Saturday, May 6, 2017

Melting Permafrost Unleashing Killer Bacteria and Viruses: Climate Change Heats Up

As the Northern climes warm, our species may soon be vulnerable to ancient—even beyond ancient— bacteria and viruses. We are familiar with pathogens to which our species has some immunity, built up from repeated prior contact. As a species, we could lose everything from illnesses in which the modern human body has no experience and thus no built-up defenses.

Researches have encountered complex ancient viruses in the melting permafrost of Siberia. Bacteria and viruses can lie dormant in permafrost until they are reactivated by warming. Scientists have discovered intact Spanish flu viruses in corpses buried in 1918 in the Alaskan tundra. In 2016 in Siberia, 100 people and 2,300 reindeer were infected with anthrax that scientist believe had been trapped in a frozen reindeer carcass that thawed during the particularly hot summer. Unfortunately, permafrost “appears to the among the systems most vulnerable to global warming,” according to researchers in the journal Nature Climate Change.[1] Global warming in turn is vulnerable to the human production of carbon dioxide, such as from our increasing use of fossil fuels since the industrial revolution. Behind the economics of use or consumption is the exponential increase in the population of our species. As biological beings, we must consume. Generally speaking, the more humans around, the higher the total consumption. Distribution of resources obviously makes a difference—some people get to consume disproportionately more than others can. Even so, the staggering number of over 7 billion people must involve a considerable amount of consumption.

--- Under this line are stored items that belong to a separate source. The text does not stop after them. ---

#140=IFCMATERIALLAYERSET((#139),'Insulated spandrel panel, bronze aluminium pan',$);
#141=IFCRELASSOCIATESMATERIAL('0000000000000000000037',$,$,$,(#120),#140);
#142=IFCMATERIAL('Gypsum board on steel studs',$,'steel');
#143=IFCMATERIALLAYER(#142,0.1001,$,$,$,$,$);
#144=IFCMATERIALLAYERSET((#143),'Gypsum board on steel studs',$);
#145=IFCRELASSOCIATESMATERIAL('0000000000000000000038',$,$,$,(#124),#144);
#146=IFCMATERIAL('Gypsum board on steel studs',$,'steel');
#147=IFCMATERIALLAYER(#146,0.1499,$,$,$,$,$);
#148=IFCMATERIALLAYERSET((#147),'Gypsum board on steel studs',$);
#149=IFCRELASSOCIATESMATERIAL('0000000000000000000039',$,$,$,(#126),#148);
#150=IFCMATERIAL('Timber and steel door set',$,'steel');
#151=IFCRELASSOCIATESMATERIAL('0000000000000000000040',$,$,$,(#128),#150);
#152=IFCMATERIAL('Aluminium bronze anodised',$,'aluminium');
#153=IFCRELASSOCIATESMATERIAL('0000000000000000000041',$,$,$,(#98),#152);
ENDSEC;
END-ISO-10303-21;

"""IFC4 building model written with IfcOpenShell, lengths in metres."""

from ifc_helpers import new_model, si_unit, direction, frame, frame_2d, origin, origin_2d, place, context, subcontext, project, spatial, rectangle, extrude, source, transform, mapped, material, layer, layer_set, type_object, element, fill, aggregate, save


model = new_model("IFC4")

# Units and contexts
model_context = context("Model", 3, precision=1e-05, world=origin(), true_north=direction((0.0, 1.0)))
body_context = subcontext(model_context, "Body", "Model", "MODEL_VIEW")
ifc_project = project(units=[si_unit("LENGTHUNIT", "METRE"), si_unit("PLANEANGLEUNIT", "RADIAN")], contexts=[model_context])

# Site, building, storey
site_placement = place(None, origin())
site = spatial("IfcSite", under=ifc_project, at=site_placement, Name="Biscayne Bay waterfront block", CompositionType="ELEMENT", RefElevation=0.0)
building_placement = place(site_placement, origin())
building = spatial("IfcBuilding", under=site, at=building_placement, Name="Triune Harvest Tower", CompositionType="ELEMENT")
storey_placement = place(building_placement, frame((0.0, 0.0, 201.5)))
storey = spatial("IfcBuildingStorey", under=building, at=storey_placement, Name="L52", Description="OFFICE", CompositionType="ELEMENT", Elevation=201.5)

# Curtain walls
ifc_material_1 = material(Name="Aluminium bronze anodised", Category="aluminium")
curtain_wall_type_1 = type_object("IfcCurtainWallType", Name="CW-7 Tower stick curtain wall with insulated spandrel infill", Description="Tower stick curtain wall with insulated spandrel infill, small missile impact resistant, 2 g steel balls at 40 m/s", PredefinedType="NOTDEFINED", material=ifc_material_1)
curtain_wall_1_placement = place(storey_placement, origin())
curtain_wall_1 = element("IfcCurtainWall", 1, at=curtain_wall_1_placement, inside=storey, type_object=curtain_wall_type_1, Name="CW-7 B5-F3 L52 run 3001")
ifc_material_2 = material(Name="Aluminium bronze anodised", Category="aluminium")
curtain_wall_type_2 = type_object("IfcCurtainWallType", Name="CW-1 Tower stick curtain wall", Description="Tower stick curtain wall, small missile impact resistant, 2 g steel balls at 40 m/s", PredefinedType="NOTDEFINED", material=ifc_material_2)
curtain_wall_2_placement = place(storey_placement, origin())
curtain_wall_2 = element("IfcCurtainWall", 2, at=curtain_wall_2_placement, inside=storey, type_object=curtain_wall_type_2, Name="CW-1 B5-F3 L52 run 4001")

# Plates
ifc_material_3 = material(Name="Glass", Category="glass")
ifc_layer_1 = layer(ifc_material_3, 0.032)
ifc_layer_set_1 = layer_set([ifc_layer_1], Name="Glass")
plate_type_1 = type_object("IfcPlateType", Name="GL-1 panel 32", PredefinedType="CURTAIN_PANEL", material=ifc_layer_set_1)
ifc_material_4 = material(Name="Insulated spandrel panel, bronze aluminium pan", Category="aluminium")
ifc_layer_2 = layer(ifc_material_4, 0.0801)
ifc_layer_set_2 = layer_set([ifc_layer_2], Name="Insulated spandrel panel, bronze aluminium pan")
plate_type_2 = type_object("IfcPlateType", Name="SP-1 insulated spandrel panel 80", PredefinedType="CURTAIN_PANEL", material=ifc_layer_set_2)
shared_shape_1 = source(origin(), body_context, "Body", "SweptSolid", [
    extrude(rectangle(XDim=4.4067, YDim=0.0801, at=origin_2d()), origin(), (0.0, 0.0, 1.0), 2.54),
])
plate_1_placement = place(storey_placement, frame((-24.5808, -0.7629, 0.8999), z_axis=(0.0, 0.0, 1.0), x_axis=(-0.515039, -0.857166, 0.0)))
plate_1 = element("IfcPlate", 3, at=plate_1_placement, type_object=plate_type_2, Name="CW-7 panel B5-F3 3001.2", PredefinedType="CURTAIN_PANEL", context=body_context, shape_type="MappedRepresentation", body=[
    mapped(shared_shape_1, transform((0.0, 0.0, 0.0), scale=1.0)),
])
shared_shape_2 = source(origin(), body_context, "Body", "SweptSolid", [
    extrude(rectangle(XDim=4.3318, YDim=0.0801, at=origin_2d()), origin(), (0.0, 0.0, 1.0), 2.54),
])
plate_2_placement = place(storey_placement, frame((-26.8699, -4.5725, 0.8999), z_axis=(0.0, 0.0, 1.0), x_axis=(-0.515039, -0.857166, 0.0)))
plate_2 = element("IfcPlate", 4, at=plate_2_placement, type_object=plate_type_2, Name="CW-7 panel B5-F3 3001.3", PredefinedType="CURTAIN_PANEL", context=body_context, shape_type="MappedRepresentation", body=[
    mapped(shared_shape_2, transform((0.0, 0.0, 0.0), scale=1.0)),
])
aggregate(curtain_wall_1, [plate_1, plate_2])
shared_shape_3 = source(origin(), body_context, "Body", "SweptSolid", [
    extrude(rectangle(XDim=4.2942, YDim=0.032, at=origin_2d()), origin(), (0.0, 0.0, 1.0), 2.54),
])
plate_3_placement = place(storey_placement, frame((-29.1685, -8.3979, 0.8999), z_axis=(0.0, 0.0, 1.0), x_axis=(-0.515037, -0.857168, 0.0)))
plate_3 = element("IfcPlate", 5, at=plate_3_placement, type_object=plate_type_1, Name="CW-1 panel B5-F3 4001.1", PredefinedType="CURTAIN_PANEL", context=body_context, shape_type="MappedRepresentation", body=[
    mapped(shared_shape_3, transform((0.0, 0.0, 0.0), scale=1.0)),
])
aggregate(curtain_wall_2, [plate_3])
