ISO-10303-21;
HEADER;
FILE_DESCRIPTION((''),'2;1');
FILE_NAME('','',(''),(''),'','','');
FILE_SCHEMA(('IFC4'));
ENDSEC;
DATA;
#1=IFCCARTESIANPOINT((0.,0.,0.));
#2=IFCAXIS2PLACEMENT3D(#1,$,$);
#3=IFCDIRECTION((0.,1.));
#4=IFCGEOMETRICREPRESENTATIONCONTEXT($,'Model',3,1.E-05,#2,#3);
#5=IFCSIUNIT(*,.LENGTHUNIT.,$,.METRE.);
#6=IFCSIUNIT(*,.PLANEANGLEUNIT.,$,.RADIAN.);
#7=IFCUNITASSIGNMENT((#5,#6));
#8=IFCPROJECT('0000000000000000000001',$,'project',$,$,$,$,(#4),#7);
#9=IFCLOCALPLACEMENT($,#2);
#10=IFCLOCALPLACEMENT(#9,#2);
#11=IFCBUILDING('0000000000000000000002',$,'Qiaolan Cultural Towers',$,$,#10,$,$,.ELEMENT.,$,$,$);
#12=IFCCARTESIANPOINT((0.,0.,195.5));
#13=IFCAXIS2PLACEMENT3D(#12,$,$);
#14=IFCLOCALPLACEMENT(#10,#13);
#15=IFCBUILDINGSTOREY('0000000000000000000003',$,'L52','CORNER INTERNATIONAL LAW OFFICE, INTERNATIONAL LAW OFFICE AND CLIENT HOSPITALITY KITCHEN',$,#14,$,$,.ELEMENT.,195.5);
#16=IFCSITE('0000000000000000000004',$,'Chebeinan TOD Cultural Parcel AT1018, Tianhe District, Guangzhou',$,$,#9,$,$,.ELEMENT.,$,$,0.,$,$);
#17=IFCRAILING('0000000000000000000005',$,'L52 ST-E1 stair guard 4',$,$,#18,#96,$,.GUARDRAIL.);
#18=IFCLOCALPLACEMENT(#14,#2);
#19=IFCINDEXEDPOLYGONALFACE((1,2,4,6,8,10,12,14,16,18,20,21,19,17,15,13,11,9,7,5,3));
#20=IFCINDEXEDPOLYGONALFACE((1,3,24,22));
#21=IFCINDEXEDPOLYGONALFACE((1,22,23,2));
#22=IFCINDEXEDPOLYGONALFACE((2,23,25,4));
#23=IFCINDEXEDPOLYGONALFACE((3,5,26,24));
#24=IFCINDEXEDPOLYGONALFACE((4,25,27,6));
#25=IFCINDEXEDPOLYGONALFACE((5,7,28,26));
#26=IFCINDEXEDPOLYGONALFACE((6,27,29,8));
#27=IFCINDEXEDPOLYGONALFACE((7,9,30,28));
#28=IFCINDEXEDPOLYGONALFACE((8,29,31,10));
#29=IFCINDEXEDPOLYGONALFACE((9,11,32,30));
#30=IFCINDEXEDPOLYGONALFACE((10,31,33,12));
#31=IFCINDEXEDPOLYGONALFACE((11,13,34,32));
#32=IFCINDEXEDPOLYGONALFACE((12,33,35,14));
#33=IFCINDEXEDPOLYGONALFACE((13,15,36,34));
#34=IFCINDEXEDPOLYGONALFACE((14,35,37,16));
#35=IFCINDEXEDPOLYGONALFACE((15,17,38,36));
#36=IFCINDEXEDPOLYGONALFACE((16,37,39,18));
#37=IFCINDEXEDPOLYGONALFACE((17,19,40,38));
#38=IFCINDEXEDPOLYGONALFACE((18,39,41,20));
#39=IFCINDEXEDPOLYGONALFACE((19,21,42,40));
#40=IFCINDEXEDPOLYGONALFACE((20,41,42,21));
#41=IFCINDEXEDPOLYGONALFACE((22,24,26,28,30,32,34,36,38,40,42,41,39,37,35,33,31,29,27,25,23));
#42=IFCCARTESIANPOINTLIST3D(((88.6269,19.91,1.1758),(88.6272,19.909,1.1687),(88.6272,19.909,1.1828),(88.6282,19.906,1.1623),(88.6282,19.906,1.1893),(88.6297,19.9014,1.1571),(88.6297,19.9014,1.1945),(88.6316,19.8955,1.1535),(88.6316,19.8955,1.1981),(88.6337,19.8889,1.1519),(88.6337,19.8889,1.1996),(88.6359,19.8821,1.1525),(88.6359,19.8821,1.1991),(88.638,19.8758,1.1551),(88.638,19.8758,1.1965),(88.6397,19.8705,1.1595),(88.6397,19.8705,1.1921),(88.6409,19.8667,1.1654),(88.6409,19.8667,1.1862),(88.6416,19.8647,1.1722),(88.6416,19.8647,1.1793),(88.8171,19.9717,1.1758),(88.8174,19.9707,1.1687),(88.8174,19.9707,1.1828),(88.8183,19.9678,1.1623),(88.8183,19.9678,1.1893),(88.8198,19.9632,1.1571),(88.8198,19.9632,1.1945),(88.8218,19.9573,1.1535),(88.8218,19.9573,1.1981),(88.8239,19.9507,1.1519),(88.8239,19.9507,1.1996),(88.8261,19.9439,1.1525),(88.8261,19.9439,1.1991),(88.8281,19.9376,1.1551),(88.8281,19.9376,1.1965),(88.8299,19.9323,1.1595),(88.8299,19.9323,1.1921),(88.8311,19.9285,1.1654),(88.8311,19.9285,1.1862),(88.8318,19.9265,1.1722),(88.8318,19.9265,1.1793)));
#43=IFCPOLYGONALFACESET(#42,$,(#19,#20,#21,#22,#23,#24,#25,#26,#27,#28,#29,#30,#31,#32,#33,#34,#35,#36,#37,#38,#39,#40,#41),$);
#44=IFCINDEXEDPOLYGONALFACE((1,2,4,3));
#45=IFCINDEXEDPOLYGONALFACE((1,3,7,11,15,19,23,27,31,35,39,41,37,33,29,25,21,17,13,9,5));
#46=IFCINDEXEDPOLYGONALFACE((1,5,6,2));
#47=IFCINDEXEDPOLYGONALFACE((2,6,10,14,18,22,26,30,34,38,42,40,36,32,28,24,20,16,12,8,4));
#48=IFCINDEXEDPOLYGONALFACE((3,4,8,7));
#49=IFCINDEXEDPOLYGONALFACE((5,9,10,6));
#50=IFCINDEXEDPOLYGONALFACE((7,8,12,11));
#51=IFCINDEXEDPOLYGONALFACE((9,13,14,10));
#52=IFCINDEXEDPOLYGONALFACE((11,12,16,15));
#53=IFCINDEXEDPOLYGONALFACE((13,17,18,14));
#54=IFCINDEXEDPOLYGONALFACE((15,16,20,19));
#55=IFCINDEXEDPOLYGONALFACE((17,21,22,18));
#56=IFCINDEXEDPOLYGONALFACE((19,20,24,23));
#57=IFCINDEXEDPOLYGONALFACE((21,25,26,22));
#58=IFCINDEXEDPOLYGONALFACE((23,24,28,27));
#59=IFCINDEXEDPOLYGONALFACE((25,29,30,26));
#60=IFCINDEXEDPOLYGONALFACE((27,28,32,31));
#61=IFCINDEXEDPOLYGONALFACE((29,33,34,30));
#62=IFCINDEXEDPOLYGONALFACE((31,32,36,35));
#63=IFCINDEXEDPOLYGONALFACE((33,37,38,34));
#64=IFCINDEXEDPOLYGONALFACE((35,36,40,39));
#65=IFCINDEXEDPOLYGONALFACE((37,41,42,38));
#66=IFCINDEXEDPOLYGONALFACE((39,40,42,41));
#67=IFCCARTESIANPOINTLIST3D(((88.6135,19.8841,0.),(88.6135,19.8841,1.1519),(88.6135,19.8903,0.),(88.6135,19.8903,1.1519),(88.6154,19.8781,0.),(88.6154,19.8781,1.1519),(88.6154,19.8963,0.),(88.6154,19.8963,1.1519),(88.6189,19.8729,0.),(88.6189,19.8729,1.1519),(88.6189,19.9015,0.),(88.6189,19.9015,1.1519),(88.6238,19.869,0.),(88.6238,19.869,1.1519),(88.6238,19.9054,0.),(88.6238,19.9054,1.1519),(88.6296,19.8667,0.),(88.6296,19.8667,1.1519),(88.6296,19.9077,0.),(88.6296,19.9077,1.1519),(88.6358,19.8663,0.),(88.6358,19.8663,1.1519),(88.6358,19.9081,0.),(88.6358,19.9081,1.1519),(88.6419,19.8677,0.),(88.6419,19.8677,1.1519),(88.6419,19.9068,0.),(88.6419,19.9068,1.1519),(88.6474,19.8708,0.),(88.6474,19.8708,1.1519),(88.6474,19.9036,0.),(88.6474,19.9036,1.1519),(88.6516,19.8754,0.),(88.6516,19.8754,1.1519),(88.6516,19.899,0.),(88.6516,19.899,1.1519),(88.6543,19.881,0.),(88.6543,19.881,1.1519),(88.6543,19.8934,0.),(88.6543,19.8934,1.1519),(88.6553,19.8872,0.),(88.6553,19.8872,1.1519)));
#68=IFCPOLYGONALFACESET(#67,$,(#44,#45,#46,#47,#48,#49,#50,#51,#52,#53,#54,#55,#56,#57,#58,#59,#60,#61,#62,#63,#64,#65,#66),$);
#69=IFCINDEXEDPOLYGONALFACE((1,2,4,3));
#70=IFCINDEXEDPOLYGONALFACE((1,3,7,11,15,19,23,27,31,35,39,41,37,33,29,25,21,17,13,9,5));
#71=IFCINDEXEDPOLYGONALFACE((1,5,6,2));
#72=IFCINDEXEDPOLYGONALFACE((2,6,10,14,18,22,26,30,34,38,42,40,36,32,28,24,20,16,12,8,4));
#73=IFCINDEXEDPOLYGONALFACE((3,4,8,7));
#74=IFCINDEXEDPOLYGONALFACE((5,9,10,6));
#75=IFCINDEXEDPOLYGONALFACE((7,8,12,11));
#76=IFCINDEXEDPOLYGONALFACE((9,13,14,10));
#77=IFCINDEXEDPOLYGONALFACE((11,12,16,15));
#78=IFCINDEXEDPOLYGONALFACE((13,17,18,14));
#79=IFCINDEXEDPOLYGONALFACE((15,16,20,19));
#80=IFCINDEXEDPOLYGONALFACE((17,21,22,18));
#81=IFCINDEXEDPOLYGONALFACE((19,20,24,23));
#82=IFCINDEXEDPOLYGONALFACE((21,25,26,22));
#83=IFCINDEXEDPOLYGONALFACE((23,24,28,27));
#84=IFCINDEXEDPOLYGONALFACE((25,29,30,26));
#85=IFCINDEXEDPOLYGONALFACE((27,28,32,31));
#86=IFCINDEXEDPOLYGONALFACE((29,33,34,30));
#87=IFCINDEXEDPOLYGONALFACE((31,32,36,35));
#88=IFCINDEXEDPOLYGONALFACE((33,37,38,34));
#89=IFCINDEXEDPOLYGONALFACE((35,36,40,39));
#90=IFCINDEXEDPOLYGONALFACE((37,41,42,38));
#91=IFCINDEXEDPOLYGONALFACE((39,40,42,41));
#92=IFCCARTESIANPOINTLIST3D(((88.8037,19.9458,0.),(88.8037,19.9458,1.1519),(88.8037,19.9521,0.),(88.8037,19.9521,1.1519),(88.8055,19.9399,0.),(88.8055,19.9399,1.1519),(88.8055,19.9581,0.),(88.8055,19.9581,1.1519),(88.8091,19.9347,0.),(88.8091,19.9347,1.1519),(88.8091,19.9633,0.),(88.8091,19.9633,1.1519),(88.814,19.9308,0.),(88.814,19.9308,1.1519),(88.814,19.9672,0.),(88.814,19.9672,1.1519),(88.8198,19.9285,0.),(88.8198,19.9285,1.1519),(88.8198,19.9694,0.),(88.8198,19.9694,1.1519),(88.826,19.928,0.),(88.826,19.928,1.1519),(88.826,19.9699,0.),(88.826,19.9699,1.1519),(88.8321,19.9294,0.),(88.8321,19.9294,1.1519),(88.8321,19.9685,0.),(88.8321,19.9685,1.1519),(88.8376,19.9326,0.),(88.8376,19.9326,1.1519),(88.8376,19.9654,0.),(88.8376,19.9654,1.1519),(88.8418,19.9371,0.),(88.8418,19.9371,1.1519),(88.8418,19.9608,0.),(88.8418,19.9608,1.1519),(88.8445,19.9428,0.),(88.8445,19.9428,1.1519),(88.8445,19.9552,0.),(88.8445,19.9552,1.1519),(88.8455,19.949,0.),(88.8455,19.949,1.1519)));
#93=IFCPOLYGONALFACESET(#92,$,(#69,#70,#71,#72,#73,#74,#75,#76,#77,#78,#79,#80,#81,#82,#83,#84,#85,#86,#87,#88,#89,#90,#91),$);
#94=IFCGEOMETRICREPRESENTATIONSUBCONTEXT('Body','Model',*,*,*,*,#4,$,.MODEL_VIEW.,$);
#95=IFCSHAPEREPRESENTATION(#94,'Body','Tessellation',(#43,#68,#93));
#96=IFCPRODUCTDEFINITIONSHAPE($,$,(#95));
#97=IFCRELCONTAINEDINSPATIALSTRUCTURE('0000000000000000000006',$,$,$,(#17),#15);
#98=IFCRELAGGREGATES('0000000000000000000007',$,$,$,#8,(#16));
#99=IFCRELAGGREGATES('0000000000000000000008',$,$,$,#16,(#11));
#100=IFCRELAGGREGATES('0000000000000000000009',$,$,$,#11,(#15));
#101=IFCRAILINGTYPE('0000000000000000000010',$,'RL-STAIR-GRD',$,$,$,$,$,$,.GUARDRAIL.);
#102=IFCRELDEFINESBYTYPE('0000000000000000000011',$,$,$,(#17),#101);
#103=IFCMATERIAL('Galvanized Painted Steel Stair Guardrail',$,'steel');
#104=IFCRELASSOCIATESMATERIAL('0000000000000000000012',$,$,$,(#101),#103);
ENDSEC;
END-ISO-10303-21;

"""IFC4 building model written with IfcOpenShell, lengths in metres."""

from ifc_helpers import new_model, si_unit, direction, frame, origin, origin_2d, place, context, subcontext, project, spatial, circle, extrude, material, type_object, element, save


model = new_model("IFC4")

# Units and contexts
model_context = context("Model", 3, precision=1e-05, world=origin(), true_north=direction((0.0, 1.0)))
body_context = subcontext(model_context, "Body", "Model", "MODEL_VIEW")
ifc_project = project(units=[si_unit("LENGTHUNIT", "METRE"), si_unit("PLANEANGLEUNIT", "RADIAN")], contexts=[model_context])

# Site, building, storey
site_placement = place(None, origin())
site = spatial("IfcSite", under=ifc_project, at=site_placement, Name="Chebeinan TOD Cultural Parcel AT1018, Tianhe District, Guangzhou", CompositionType="ELEMENT", RefElevation=0.0)
building_placement = place(site_placement, origin())
building = spatial("IfcBuilding", under=site, at=building_placement, Name="Qiaolan Cultural Towers", CompositionType="ELEMENT")
storey_placement = place(building_placement, frame((0.0, 0.0, 195.5)))
storey = spatial("IfcBuildingStorey", under=building, at=storey_placement, Name="L52", Description="CORNER INTERNATIONAL LAW OFFICE, INTERNATIONAL LAW OFFICE AND CLIENT HOSPITALITY KITCHEN", CompositionType="ELEMENT", Elevation=195.5)

# Railing
ifc_material_1 = material(Name="Galvanized Painted Steel Stair Guardrail", Category="steel")
railing_type_1 = type_object("IfcRailingType", Name="RL-STAIR-GRD", PredefinedType="GUARDRAIL", material=ifc_material_1)
railing_1_placement = place(storey_placement, frame((88.6343, 19.8872, 0.0)))
element("IfcRailing", 1, at=railing_1_placement, inside=storey, type_object=railing_type_1, Name="L52 ST-E1 stair guard 4", PredefinedType="GUARDRAIL", context=body_context, shape_type="SweptSolid", body=[
    extrude(circle(Radius=0.0239, at=origin_2d()), frame((0.0, 0.0, 1.1758), z_axis=(0.951097, 0.308893, 0.0), x_axis=(-0.308893, 0.951097, 0.0)), (0.0, 0.0, 1.0), 0.2),
    extrude(circle(Radius=0.021, at=origin_2d()), origin(), (0.0, 0.0, 1.0), 1.1519),
    extrude(circle(Radius=0.021, at=origin_2d()), frame((0.1902, 0.0618, 0.0)), (0.0, 0.0, 1.0), 1.1519),
])

save(model, "model.ifc")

The extraordinary jump in human population is occurring in a very short period of time. How could there not be huge, unforeseen reverberations? 

The upshot is that Nature has its own measures to correct a species’ failure to control its numbers on a planet of finite resources. As great as the human mind is, we have trouble anticipating the secondary systems that are set in motion. Put another way, the astonishing number of 7 billion can be expected to have repercussions that get beyond our ability to anticipate, let alone manage. As permafrost that has been frozen for millennia (also a big number) melts and the methane and bacteria and viruses that have been trapped escape, we face a huge blindside. As systems effect systems effect systems, we can easily get ahead of ourselves.




[1] Mary Papenfuss, “As Ice Melts, Dangerous Diseases From The Past Could Rise Again,” The Huffington Post, May 5, 2017.